Lawmakers and Watchdog Groups Demand Accountability
With internal agency resistance building, lawmakers and independent watchdog organizations are calling for immediate oversight measures to review DOGE’s hiring practices and security protocols. Several congressional committees are reportedly considering an investigation into how DOGE recruits personnel and whether its hiring choices violate standard federal security protocols.
- The House Science, Space, and Technology Committee has raised concerns about DOGE’s involvement with NASA and potential conflicts of interest.
- The Senate Select Committee on Intelligence, led by Vice Chairman Mark R. Warner and other members, is investigating the risks to national security posed by unvetted DOGE staff accessing classified and sensitive government materials.
- The Senate Homeland Security and Governmental Affairs Committee, led by Ranking Member Gary Peters and colleagues, is calling for an immediate pause on DOGE activities in federal agencies due to potential violations of ethics, national security, and privacy laws.
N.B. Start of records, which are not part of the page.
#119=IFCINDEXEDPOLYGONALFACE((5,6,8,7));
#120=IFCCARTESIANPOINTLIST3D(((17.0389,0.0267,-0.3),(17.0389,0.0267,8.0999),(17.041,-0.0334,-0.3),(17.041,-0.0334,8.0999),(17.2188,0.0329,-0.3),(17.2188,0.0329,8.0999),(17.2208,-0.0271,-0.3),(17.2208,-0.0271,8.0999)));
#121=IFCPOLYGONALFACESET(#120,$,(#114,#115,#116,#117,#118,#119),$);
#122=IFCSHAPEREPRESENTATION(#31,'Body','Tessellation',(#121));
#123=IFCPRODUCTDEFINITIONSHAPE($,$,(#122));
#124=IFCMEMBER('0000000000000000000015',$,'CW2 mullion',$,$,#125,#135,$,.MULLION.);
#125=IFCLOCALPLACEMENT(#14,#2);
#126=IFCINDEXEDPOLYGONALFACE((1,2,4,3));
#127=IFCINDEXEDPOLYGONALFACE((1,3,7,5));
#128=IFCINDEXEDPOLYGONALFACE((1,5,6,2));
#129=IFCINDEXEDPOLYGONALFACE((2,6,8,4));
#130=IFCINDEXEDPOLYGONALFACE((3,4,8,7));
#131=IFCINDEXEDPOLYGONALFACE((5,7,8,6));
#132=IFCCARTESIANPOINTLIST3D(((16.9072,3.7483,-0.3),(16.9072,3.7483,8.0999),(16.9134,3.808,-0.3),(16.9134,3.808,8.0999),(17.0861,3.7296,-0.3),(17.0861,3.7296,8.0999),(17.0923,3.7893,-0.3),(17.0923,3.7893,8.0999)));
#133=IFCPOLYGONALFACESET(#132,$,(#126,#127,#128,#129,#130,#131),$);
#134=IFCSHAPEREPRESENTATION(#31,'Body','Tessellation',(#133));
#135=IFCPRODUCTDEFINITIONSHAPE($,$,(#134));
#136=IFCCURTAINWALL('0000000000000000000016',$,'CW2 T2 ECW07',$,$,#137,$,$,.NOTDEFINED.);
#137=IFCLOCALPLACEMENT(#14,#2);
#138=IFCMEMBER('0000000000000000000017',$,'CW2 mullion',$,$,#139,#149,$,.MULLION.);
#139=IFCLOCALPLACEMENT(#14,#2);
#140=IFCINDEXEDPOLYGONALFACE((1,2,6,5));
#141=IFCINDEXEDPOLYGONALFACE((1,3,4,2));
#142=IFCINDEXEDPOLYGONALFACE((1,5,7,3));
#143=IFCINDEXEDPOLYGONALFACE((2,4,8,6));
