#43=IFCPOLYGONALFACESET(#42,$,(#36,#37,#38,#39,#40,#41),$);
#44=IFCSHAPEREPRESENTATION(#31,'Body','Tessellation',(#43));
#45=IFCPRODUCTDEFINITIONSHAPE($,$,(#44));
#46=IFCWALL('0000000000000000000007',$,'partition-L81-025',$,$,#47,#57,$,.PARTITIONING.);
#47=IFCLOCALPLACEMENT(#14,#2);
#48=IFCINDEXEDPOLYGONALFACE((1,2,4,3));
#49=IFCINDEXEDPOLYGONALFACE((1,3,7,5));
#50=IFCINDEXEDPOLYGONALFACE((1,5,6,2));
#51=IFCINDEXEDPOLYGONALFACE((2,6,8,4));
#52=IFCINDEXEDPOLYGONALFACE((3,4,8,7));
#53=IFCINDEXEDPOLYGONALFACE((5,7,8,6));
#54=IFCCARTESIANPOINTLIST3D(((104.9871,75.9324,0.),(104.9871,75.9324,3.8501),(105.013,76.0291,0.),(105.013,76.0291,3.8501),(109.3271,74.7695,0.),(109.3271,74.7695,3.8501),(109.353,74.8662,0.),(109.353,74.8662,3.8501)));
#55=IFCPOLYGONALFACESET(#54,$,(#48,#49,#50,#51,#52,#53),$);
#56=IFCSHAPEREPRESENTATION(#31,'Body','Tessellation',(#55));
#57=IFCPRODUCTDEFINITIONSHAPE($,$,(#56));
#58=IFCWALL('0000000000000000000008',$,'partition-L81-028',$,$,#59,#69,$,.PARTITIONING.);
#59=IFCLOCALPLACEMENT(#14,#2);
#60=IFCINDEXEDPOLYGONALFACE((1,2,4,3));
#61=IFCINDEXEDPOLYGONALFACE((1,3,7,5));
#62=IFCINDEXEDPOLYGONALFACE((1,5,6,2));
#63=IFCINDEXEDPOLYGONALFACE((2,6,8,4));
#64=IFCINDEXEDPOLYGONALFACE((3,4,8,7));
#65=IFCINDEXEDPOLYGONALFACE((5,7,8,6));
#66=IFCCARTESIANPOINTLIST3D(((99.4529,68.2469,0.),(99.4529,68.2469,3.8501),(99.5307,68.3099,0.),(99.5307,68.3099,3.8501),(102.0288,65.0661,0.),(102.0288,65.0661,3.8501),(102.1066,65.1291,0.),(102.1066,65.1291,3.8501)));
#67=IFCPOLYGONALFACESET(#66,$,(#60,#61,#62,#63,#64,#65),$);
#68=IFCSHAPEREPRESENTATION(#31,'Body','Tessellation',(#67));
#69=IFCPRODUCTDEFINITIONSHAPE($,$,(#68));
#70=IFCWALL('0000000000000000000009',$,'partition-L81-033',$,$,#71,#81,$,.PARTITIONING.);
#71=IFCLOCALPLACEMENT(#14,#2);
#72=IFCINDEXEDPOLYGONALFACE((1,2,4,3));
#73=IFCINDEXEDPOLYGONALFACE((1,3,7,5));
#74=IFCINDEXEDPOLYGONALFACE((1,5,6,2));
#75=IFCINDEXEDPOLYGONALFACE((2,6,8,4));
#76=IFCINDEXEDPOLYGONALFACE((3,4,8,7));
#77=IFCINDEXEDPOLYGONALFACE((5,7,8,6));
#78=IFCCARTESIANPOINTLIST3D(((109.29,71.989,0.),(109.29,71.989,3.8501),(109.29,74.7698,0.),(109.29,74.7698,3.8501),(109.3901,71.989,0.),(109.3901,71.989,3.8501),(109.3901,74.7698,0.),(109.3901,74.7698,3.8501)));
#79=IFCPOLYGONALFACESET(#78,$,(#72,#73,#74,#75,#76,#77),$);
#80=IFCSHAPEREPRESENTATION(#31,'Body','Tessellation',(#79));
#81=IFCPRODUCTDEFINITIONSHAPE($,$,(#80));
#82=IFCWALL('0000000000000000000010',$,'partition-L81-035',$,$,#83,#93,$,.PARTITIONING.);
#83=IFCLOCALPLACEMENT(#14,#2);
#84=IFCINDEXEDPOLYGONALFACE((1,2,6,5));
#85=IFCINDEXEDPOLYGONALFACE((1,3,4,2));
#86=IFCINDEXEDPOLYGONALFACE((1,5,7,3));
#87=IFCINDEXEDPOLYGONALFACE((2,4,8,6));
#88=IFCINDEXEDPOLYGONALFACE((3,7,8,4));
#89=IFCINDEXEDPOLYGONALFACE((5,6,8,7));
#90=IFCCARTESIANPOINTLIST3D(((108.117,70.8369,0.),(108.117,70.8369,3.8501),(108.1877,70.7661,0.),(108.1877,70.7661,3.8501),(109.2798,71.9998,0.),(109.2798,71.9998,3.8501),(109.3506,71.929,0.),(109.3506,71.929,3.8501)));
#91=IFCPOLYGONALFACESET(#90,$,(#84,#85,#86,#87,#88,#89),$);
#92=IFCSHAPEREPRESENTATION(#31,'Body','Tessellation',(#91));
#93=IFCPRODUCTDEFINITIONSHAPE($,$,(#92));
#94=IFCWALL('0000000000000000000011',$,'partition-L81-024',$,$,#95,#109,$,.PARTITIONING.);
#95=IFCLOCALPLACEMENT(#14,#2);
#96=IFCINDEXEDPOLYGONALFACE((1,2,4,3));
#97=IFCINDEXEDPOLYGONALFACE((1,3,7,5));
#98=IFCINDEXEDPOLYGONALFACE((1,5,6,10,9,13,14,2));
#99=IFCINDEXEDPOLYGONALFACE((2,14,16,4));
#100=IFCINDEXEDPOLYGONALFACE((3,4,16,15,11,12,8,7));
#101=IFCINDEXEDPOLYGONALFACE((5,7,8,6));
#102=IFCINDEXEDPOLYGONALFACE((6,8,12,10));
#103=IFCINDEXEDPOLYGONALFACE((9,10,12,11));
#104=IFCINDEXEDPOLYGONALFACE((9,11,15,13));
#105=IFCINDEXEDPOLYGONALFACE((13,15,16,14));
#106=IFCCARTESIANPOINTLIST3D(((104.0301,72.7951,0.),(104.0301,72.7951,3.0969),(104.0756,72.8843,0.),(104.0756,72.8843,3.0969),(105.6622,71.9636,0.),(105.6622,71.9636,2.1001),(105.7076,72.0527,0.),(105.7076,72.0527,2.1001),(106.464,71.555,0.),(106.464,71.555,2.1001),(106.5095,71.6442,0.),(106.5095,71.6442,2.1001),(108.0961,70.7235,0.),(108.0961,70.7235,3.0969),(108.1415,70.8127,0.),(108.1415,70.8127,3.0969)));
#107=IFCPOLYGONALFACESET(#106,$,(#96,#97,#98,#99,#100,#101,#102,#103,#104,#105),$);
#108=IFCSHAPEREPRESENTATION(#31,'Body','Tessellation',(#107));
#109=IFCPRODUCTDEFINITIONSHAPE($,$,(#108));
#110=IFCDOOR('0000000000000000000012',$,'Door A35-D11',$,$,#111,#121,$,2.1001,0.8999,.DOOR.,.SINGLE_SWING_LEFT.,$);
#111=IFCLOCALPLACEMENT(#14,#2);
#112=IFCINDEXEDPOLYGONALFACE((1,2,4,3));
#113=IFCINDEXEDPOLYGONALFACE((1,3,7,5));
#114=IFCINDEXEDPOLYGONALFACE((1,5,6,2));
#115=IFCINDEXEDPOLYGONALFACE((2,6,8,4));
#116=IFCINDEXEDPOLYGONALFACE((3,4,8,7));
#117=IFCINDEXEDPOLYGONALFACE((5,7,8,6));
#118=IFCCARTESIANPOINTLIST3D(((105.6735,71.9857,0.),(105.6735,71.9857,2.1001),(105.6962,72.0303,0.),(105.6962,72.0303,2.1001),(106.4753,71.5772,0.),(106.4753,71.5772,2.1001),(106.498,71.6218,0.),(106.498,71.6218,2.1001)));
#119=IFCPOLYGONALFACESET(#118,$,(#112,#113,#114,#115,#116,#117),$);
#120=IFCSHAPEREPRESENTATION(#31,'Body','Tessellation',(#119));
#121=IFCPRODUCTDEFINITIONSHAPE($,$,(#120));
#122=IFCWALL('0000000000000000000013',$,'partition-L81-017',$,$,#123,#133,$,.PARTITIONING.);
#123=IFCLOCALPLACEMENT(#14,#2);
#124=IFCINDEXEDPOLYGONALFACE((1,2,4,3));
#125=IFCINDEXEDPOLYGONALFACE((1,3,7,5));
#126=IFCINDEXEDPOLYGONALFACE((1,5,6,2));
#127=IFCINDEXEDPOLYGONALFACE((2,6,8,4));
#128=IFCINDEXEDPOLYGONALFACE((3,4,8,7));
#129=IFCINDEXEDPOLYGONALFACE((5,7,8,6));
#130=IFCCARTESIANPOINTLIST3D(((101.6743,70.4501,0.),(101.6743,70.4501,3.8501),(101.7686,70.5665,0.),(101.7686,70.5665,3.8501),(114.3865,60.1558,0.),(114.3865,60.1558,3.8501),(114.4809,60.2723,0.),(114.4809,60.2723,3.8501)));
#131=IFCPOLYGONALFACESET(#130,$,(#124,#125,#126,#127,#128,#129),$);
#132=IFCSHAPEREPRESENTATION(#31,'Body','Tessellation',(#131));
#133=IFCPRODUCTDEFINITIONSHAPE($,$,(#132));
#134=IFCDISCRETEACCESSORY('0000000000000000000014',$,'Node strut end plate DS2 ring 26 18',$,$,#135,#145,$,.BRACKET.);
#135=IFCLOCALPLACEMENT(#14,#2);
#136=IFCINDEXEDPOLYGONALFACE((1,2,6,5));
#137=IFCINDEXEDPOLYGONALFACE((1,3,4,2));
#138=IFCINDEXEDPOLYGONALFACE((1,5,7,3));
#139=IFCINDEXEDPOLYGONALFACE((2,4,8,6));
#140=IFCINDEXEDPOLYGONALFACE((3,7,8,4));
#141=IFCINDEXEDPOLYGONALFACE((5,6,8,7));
- The House Oversight Subcommittee on Delivering on Government Efficiency held a hearing focused on DOGE’s activities and Elon Musk’s involvement in the executive branch.
Multiple cybersecurity-focused policy groups like The Stanford Center for Internet and Society and The Center for Democracy & Technology have also released statements urging Congress to impose stricter oversight on DOGE, with some even advocating for a temporary suspension of its expanded authority until full security reviews can be conducted.
As pushback against DOGE intensifies, the agency’s ability to maintain its unchecked influence may face growing resistance. With CISA’s power diminished and watchdog groups ramping up scrutiny, the focus will likely shift to whether legislative action can impose proper oversight before security vulnerabilities turn into real-world crises.
The controversy surrounding DOGE’s hiring and its role in cybersecurity governance is far from over. While federal agencies like the IRS have started imposing limits, larger questions remain about how far DOGE’s unchecked authority extends—and whether it will be reined in before lasting damage is done.